I’m fighting the temptation just to write ‘State of that’ and fold my arms. (I’ve been on Twitter too long.) Just to make the most glaringly obvious point, somebody can be right about their life having been better in the past without also being right to cast a vote in a certain way – the two things really are that disconnected, and a writer who cared about not misleading her audience or misrepresenting her subject could have made that clear. The word ‘all’ in the second sentence is irritating me, too; right now I really want to know when Lisa Mckenzie carried out her research, how many ‘women in east London’ – and how many men, in how many ‘mining towns’ – she spoke to, and how many of them voiced that opinion.

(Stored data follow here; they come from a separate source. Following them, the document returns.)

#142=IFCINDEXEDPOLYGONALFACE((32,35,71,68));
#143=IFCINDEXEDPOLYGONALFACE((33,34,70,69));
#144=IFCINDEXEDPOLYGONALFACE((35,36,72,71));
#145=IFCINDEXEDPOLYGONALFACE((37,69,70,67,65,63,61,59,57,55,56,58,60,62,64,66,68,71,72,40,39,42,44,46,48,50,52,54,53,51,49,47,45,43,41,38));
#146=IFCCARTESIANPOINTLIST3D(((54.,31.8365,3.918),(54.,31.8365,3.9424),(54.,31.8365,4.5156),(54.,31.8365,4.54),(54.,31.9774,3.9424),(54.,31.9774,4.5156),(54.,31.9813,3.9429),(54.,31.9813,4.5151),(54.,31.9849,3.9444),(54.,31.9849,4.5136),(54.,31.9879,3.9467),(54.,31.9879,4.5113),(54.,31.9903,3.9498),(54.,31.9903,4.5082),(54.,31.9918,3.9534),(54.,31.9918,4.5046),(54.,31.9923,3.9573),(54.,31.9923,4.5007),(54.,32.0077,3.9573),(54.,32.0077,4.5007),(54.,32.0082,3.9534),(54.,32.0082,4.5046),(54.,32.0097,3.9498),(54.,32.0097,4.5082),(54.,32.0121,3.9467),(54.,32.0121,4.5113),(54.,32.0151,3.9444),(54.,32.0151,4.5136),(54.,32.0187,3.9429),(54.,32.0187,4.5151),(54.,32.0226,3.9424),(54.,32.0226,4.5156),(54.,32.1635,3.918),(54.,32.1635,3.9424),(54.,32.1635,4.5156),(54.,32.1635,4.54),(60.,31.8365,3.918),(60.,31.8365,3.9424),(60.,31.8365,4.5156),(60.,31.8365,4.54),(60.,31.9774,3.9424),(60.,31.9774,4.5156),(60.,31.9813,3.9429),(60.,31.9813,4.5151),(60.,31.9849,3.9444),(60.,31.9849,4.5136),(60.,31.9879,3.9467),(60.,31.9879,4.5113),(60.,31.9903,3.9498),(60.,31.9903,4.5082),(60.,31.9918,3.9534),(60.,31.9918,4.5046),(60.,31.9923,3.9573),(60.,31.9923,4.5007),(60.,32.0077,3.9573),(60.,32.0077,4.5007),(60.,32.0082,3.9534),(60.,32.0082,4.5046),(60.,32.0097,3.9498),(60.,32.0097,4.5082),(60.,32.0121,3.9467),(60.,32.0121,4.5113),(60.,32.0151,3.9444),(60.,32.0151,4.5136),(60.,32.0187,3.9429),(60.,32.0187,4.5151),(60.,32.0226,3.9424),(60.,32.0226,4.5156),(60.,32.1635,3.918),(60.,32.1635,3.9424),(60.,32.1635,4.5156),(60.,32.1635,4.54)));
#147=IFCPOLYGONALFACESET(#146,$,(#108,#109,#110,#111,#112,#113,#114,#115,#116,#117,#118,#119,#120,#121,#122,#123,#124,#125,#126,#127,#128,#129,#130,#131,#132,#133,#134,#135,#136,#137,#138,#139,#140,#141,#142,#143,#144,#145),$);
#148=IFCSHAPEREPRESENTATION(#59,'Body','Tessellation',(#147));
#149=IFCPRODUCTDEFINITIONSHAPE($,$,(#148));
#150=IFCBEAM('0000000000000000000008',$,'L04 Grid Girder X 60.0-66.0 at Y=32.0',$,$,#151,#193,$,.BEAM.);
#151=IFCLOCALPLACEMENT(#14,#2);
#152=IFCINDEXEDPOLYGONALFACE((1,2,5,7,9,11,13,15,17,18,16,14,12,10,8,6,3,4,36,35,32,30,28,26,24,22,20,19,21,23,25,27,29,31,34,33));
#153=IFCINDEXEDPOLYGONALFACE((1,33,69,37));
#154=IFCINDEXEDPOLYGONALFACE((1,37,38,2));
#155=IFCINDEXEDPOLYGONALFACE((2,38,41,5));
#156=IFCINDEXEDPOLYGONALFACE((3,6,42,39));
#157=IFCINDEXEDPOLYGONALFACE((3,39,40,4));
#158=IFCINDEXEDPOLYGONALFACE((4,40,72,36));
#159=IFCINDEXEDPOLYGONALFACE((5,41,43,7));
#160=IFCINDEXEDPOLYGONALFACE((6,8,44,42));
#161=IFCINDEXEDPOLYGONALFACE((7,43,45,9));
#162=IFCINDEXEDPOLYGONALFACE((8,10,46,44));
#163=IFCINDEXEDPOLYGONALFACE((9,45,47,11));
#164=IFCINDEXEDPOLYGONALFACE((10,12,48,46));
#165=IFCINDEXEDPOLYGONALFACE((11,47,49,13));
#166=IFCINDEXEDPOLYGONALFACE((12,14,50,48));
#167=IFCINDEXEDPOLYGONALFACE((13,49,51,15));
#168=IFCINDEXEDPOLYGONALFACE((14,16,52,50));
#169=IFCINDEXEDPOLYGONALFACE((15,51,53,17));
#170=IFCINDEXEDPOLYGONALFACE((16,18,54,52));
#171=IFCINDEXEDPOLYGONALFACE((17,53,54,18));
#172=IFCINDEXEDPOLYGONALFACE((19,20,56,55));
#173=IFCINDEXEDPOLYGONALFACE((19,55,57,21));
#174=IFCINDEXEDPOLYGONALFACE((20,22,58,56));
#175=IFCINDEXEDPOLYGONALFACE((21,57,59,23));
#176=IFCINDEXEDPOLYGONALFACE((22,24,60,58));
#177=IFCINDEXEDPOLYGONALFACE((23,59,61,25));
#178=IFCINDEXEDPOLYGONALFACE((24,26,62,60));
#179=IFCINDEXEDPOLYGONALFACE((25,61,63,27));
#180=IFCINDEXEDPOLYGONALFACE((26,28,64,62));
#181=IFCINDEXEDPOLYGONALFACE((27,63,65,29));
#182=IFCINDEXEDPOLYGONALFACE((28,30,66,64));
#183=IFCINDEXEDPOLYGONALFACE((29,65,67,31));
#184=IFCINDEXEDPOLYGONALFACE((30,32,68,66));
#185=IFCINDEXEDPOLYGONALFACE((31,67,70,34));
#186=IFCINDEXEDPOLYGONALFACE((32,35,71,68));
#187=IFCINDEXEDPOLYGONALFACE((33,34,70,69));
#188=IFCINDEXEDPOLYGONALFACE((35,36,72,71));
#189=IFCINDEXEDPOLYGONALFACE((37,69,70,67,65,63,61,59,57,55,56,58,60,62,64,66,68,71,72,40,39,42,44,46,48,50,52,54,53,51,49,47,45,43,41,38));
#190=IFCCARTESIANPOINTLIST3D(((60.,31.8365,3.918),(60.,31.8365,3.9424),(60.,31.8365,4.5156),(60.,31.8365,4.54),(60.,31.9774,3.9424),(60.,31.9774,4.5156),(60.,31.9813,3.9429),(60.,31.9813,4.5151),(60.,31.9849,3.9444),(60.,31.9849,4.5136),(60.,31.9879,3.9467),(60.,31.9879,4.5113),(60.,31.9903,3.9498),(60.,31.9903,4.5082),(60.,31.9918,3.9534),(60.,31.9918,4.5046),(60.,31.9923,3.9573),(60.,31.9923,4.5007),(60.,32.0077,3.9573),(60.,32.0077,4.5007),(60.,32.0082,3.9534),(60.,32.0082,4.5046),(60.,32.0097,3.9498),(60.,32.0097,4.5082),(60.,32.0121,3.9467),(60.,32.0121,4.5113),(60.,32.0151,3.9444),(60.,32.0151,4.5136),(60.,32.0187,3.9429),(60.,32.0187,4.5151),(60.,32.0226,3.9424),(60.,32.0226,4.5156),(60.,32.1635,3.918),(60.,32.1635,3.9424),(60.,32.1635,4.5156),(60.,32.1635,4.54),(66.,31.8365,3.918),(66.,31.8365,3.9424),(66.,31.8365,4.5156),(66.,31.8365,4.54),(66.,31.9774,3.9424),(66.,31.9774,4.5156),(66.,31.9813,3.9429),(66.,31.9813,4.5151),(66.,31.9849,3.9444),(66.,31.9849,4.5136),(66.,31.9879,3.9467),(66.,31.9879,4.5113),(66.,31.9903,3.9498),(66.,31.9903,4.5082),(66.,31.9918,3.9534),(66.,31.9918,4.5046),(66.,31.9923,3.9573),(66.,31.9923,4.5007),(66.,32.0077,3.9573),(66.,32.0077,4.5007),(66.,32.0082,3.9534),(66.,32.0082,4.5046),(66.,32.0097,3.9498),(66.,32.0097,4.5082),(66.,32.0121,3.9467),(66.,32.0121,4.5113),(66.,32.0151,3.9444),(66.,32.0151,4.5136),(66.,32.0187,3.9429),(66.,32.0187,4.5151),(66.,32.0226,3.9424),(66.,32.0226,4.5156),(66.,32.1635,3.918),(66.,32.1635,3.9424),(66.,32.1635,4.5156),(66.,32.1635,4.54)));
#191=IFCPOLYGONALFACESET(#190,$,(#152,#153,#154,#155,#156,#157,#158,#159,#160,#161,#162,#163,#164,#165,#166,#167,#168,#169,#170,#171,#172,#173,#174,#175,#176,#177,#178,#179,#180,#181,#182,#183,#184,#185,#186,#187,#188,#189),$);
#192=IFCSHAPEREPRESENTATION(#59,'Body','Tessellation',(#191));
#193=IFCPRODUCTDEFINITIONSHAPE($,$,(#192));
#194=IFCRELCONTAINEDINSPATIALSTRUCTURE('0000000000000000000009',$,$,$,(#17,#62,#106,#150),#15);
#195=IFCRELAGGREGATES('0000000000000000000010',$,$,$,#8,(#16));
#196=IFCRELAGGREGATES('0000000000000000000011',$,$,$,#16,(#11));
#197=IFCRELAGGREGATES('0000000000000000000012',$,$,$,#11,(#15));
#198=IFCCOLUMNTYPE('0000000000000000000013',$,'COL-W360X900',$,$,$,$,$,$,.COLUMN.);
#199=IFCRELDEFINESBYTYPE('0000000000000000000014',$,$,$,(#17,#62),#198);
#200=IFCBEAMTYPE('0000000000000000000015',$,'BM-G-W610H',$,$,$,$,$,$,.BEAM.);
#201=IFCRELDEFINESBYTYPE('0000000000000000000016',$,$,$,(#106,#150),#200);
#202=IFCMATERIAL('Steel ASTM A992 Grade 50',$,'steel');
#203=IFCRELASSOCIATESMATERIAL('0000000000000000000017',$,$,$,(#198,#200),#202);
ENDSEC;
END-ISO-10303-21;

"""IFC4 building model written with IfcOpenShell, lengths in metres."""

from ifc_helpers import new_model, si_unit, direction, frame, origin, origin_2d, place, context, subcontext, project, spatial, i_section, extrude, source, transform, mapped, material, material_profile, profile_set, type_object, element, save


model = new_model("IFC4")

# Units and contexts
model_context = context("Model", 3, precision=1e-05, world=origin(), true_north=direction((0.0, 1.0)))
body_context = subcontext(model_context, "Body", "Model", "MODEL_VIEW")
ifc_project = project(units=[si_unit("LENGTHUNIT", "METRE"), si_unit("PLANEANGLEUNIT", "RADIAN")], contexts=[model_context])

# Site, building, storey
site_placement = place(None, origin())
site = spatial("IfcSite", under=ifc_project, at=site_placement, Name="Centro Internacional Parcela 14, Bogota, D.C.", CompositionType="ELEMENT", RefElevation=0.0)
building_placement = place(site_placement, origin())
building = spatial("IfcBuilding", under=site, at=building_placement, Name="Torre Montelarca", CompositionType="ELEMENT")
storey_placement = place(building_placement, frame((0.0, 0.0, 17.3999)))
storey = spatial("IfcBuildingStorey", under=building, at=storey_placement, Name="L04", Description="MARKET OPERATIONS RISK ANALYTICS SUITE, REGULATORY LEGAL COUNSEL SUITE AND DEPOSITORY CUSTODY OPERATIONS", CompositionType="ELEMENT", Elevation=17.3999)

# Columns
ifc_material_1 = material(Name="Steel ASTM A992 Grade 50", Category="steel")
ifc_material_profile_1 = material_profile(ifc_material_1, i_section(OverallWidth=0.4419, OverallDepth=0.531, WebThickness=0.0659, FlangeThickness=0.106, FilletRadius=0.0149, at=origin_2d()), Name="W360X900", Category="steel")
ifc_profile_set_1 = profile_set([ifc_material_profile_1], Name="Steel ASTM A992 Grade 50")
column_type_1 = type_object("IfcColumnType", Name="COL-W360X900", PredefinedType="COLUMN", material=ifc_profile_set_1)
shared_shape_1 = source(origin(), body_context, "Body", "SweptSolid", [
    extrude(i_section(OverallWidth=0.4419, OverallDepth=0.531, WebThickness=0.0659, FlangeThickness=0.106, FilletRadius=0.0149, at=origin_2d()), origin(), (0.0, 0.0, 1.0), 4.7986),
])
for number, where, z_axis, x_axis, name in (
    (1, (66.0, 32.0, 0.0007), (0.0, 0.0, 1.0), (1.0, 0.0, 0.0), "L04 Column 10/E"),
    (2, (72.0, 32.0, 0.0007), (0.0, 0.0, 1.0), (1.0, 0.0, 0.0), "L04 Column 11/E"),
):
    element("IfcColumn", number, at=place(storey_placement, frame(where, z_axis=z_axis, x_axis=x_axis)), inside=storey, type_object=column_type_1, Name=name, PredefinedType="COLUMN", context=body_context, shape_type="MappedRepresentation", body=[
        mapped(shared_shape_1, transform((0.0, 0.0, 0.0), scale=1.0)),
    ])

But however many it was, every man and woman of them was lying – lying to themselves first of all, presumably, but lying nonetheless. ‘The worst is not as long as we can say “this is the worst”‘; every moment you’re above ground, if things stay the same for another moment, then the worst thing has not happened. And I mean, come on – have you got paid work? Imagine losing it. Are you out of work? Imagine not finding work ever again. Benefits been sanctioned? Imagine they never get reinstated. It’s always possible for things to get worse; anyone who’s ever been in poorly paid or insecure work, or out of work, knows that perfectly well. Cameron’s government disempowered and marginalised those people, then asked them to endorse the government’s claims that everything was just fine; it’s not surprising if they did cast their vote the other way. But in order to do that, they had to tell themselves that voting No to David Cameron wasn’t also voting for a gang of charlatans to implement a half-thought-out plan to create a poorer, meaner, more hateful country – which unfortunately it was. No wonder if people come up with a better story to explain their vote. We should certainly listen to these people’s valid concerns, but we shouldn’t have any patience for self-serving fictions.

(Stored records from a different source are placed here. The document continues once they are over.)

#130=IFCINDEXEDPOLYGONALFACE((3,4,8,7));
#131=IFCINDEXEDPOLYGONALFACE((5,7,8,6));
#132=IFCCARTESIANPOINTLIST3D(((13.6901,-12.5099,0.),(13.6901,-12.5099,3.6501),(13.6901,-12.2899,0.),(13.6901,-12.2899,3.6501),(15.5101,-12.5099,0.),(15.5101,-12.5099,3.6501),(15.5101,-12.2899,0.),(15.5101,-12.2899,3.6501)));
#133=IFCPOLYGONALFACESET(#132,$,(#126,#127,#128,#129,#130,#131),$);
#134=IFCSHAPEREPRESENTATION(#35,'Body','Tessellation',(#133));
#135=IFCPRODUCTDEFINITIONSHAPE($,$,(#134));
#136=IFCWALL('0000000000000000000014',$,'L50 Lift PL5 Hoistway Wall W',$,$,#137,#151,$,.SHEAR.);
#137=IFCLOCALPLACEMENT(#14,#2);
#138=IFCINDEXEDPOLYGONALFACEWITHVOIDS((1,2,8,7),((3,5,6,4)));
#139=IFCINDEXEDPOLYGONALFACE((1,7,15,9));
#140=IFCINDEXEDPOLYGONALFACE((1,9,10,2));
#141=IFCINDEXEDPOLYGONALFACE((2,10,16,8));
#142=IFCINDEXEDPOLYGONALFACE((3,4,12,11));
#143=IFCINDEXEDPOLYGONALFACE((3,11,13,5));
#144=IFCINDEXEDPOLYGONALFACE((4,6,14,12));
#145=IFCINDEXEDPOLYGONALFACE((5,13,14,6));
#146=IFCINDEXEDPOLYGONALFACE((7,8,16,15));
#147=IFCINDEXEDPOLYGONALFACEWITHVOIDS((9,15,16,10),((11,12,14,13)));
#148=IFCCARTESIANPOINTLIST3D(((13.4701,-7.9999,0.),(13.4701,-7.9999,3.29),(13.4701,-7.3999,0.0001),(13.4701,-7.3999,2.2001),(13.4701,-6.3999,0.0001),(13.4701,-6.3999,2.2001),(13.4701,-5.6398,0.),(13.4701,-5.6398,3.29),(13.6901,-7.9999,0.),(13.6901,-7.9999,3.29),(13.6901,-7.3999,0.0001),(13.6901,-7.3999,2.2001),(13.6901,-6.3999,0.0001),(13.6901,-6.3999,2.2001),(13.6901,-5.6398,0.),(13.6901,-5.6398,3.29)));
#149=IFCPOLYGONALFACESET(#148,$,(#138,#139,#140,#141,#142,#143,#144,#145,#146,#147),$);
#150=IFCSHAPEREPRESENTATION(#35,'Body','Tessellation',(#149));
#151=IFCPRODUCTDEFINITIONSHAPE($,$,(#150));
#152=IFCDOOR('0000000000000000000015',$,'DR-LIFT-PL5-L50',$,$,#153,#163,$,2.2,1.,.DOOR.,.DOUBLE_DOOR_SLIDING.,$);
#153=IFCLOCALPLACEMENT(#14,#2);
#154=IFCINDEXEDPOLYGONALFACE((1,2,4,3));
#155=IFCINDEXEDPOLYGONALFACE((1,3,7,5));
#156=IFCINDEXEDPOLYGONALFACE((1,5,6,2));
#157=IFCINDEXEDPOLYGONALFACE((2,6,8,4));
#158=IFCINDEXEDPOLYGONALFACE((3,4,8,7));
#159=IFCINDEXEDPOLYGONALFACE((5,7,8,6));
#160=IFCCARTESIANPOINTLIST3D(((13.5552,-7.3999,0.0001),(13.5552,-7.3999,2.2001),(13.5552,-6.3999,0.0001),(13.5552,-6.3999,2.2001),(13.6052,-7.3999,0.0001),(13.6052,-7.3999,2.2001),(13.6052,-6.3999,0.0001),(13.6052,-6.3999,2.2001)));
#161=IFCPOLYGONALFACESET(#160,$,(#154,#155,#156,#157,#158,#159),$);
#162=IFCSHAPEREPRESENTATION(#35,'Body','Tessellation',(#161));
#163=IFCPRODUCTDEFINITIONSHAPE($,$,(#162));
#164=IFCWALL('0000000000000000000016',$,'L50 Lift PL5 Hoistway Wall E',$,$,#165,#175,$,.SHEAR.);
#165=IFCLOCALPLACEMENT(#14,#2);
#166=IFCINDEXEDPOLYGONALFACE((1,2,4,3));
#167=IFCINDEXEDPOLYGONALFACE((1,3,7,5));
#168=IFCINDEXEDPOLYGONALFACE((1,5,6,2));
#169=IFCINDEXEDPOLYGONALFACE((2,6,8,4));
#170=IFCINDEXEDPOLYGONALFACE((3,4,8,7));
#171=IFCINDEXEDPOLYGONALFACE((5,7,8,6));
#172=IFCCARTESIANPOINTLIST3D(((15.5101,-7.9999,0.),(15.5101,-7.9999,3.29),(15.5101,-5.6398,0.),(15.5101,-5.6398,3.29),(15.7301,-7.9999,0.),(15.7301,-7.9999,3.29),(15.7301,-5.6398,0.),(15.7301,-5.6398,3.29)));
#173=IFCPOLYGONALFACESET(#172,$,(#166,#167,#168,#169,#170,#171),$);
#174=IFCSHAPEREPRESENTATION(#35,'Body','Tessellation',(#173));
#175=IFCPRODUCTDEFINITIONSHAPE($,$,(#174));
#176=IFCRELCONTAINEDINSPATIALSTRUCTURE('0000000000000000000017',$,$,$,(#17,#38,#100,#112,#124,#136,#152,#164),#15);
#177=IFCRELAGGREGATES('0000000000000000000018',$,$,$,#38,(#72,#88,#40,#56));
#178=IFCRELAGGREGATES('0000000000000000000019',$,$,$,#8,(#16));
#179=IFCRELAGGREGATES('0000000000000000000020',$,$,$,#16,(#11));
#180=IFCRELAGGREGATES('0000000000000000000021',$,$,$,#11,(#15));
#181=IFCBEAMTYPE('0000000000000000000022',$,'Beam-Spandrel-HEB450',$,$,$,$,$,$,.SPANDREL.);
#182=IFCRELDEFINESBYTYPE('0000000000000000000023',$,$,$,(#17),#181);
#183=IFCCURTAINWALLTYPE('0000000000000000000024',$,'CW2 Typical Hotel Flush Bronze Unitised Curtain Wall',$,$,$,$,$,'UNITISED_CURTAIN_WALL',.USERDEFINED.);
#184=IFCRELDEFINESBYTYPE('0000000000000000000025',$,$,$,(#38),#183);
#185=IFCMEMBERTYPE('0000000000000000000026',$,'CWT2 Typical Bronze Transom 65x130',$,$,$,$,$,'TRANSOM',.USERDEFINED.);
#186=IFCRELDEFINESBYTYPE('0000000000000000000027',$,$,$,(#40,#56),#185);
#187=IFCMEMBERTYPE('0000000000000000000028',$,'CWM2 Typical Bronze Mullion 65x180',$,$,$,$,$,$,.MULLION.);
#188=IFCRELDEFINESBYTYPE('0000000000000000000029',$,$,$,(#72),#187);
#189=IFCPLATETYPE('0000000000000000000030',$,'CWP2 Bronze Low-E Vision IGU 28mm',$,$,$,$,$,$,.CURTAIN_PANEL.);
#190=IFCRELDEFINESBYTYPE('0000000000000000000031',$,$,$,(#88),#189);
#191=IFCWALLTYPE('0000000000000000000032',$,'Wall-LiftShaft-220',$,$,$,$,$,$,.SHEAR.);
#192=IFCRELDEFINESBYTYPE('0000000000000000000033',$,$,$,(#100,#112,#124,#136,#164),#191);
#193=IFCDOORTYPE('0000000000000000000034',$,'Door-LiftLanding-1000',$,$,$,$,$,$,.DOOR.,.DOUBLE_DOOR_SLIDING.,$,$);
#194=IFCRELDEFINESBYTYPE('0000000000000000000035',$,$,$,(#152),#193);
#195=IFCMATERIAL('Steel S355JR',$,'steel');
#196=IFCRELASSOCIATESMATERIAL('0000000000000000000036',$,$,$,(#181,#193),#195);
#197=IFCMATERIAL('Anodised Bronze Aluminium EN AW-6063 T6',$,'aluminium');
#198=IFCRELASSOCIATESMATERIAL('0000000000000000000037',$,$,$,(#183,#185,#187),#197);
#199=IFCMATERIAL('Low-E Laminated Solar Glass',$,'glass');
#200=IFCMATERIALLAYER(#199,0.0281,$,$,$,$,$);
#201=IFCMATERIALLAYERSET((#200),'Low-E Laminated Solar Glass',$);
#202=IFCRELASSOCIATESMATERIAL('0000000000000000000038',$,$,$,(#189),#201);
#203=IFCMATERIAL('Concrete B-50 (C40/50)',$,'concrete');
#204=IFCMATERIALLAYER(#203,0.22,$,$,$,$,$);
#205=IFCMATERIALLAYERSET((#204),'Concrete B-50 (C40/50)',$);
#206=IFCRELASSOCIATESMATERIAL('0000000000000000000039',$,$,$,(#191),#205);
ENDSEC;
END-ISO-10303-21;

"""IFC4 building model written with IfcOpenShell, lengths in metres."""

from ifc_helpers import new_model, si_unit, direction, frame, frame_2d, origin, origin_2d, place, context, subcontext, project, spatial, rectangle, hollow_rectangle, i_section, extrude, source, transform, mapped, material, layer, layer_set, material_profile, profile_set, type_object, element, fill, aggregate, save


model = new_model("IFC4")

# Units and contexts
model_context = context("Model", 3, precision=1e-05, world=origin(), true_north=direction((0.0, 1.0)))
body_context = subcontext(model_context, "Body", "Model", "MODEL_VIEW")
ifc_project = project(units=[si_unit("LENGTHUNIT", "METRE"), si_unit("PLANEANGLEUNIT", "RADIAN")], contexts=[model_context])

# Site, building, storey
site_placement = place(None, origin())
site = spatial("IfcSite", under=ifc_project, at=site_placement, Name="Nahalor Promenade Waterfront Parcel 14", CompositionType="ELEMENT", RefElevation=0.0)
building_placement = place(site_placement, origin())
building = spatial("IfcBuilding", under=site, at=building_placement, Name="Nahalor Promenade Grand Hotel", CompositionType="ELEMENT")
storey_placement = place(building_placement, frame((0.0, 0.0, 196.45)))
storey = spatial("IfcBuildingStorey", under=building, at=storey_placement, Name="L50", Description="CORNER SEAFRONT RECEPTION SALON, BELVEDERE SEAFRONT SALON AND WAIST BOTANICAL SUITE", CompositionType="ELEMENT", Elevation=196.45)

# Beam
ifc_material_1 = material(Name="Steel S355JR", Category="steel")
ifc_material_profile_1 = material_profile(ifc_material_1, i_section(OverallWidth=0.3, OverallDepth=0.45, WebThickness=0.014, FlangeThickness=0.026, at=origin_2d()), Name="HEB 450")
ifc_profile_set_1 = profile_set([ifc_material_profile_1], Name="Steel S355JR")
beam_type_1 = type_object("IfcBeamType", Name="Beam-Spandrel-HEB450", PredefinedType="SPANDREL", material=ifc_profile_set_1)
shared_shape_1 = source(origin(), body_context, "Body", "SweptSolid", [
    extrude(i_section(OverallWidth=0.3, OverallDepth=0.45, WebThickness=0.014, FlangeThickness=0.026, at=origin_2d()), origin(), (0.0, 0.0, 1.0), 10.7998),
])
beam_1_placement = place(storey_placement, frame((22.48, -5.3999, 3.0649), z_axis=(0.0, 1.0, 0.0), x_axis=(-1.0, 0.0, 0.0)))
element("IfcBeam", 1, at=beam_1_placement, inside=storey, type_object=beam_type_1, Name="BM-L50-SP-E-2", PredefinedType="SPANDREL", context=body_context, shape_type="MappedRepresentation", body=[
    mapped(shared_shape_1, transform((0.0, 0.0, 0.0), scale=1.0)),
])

Ultimately I agree with Jeremy Corbyn, up to a point: the real concerns of the working class are what they always were – jobs, housing, healthcare, education – and we urgently need to address them through a programme of milk-and-water Keynesian social democracy (which is about as radical as even the Left of the Labour Party gets these days). The preachers of real concerns, valid concerns, genuine issues, legitimate grievances purport to cut through the popular bigotry which the Tories and their allies have encouraged and show us what lies beneath, but somehow they always end up validating the bigotry itself. The idea that the people you’re interviewing don’t directly perceive the true nature of their problems – that the concerns they’re articulating may not be real at all – seems to be a step these commentators can’t or won’t take. These are real people (outside the Westminster bubble) so their concerns must be real, the logic seems to run. Impose my own interpretive framework on them? What kind of elitist do you take me for? But this is immensely dangerous; treat racism as a real concern – something that people can reasonably be expected to feel and express – and you make it a reality; you validate it as part of the actual political spectrum in Wisbech and Peterborough and Barking, and as a topic for respectable discussion in the Guardian and the New Statesman. Go much further down that route and we could be hearing that racism, as well as English nationalism, is “real – and rational“. Let’s not, eh?